In a per person case - no.

However, it's a swiss army knife script - it changes iface, wep and resolver settings per ESSID. It also scans for available ESSID's - even when the driver doesn't explicitly support scanning - and connects to them in a preferential order. It also supports running external scripts at 3 points (pre up, pre association, pre down).

What does this mean? It means that if you have a home network using static IP's without WEP and also use the same computer at work using DHCP, WEP and Cisco LEAP authentication you can move between the two seamlessly.

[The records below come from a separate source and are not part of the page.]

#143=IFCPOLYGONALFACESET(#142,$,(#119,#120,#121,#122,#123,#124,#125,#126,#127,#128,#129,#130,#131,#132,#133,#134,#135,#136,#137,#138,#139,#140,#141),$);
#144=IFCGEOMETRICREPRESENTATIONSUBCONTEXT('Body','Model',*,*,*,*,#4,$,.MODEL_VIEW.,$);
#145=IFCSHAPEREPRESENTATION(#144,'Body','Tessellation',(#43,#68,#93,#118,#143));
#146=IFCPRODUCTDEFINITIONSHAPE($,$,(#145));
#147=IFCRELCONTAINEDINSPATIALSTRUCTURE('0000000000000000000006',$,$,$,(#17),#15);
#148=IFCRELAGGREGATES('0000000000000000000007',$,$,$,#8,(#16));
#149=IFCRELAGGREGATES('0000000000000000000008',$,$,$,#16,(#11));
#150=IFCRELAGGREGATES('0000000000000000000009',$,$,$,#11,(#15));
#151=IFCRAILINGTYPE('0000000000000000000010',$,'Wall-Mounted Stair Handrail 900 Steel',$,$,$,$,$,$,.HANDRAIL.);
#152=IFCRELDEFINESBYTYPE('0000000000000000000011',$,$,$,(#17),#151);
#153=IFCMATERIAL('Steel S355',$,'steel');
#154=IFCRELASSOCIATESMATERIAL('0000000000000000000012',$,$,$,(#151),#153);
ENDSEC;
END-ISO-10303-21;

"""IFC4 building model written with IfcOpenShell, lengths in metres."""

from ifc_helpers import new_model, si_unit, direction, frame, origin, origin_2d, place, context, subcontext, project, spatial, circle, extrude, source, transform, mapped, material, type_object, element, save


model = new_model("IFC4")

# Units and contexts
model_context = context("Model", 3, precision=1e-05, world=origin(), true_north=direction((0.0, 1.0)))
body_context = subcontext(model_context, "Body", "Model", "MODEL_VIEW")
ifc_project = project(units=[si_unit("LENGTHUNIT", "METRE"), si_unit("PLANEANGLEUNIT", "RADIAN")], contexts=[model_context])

If this script doesn't work for you and you have a working solution to your problem, why use the script?

----------

## rmdl

I don't have a solution. I think you're getting confused when I said that I got wireless working on my DESKTOP, which it does, it works fine, but doesn't on my laptop.

I'm issuing the same commands to the wireless interface on my laptop that I'm giving to my desktop's interface.

I'm trying to find out why I can connect to my AP, get the MAC and all that other info, but I can't get any data from anywhere (no ping, nothing), in other words: I'm connected to the AP, but I have no actual internet connection. I need to know why this is happening and what I can do to fix it.

I'm not saying the script doesn't work, I'm simply saying at this point, I'm past that part because I can confirm the key & essid are being set properly (as shown in iwconfig).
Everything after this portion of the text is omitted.